And to happen immediately after (stupidly) posting my formula for maximum surge makes me believe this site itself is a shill and 100% compromised... Maybe just the conspiracy theorist in me? I don't think so, and will starting now take appropriate measures to conceal my identity and IP.

But thanks for confirming there's something new afoot. The "bait and ditch" is the new "bait and switch".


----------



## Uber's Guber (Oct 22, 2017)

Jenga said:


> This site is being monitored by Uber - perhaps its even OWNED by Uber


This forum operates way too smoothly to be managed by the same dipshits who own Uber.


----------



## Jenga (Dec 10, 2018)

Uber's Guber said:


> This forum operates way too smoothly to be managed by the same dipshits who own Uber.


Correctly stated! But what does the owner of this smoothly running website get out of it? A few bucks for the premium memberships? Imagine if Uber comes to you and says: we'll pay you 200k/yr to supply us with all the personal info for each individual post we request - and also to monitor suspicious posts, drivers appearing to take advantage of exploits in the app, etc. Not a bad job... Would you bite on that?


----------



## Nats121 (Jul 19, 2017)

Heisenburger said:


> What you describe indicates incompetence, not malice.


Here's a wise observation courtesy of @New2This ... "First rule of dealing with Uber: Never attribute to incompetence what can also be attributed to malice".


----------



## MHR (Jul 23, 2017)

Jenga said:


> Correctly stated! But what does the owner of this smoothly running website get out of it? A few bucks for the premium memberships? Imagine if Uber comes to you and says: we'll pay you 200k/yr to supply us with all the personal info for each individual post we request - and also to monitor suspicious posts, drivers appearing to take advantage of exploits in the app, etc. Not a bad job... Would you bite on that?


We are owned by VerticalScope, Inc. out of Toronto, Canada.

They do not sell our information and are are actually quite protective of its members personal information.

If you legitimately have questions or concerns about this you can reach out to them via the Contact Us link (found in the footer of every page) and select the "privacy concerns" option.


----------



## FerengiBob (Nov 6, 2019)

With my wife out of town, I finally ventured out into the night to see what the 2AM bar scene looked like...

WTH is all this RED?

Oh that is a surge.

Head towards the heat!

Ping!

Wait What?

Pinged me before the heat, and had the nerve to send me just beyond the heat?

I drove by the lit up bars like a kid who had just learned there is no Santa Claus.

Nearly cried.

Just wrong!

When I got back to the heat, it had dropped from $15 to $1.50.

Hmmm... sneaky, very sneaky!


----------



## ObeyTheNumbers (7 mo ago)

Unattainable surges have been around for awhile now.
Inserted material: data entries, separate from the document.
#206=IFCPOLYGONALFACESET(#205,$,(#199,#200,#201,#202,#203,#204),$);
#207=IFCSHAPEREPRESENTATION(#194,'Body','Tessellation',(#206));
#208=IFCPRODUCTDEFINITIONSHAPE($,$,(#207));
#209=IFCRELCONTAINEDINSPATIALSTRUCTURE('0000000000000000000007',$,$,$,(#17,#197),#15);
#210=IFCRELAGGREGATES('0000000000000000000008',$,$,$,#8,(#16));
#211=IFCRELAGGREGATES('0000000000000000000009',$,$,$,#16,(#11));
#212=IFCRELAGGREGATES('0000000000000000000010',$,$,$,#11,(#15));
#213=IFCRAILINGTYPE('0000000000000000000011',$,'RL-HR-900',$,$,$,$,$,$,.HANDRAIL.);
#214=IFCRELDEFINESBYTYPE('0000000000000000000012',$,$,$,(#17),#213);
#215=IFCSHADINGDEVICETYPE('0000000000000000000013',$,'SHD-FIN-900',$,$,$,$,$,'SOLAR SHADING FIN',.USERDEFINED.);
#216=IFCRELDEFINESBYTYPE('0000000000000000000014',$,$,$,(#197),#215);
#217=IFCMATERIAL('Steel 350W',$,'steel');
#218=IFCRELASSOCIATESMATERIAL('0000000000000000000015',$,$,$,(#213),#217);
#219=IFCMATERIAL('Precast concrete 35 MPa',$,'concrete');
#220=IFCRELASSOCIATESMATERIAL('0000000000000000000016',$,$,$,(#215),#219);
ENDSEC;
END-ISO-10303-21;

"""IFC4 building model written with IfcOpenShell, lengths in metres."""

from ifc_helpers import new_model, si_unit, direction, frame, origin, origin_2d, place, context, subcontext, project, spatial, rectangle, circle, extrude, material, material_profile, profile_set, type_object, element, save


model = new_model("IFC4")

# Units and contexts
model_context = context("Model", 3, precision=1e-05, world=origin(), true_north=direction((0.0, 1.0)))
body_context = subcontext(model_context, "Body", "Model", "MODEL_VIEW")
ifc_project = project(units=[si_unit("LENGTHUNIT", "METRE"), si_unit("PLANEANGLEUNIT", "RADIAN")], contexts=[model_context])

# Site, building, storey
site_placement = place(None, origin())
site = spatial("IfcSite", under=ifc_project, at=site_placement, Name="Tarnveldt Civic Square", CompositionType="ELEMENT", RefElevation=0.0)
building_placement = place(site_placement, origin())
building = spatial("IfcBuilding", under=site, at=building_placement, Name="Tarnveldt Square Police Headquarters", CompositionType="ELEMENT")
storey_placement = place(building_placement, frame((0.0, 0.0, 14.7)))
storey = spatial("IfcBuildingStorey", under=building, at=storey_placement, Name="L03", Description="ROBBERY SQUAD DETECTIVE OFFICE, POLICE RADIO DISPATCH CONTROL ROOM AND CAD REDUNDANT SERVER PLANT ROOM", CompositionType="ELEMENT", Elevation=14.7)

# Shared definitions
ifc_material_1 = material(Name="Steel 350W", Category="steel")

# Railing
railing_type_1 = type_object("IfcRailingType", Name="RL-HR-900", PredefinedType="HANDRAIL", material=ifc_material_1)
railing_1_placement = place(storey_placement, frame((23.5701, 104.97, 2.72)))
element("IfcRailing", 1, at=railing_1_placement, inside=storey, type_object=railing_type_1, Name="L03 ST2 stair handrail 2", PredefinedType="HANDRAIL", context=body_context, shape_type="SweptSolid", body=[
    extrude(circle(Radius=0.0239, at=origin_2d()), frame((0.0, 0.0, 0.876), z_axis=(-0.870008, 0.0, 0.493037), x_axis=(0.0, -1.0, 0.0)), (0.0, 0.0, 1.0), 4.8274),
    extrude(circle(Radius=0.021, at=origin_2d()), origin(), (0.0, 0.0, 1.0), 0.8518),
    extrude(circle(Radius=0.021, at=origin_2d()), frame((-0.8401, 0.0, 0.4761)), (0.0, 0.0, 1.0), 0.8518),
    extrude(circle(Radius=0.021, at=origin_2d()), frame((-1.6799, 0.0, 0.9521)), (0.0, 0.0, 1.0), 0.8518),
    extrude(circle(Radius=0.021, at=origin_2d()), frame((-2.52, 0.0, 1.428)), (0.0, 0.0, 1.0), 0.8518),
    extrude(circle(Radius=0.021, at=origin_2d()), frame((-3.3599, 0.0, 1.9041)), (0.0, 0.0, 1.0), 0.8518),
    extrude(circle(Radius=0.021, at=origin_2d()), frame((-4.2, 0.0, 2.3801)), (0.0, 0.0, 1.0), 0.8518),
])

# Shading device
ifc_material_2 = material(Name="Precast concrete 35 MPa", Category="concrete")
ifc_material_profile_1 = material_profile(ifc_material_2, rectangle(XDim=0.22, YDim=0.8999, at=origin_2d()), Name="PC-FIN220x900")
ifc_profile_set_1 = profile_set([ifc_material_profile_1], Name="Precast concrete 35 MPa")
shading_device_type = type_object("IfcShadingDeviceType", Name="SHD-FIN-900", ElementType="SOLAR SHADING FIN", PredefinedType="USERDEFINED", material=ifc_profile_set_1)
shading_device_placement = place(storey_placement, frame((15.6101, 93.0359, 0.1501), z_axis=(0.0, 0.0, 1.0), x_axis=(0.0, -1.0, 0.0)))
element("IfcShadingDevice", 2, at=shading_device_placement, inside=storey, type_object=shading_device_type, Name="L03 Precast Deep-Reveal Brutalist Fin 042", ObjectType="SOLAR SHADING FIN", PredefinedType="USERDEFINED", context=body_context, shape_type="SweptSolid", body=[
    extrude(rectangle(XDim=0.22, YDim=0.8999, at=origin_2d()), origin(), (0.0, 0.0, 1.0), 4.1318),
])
Why drivers advise not to chase them, but to turn on their apps while under them.

The unattainable surge amounts are designed to lure drivers in those inaccessible areas to turn their apps on. And yes people landing in planes on runways about to leave the airport can take a ride. Why the full surge amount is located on the runway.

Uber is rideshare, it's leveraging the general public at large into giving other people rides.

It's set up to continuously attract new drivers or get existing ones with their apps turned off to turn them on and take runs.

Your paranoia is unwarranted, Uber can care less about you or the drivers doing this for a living.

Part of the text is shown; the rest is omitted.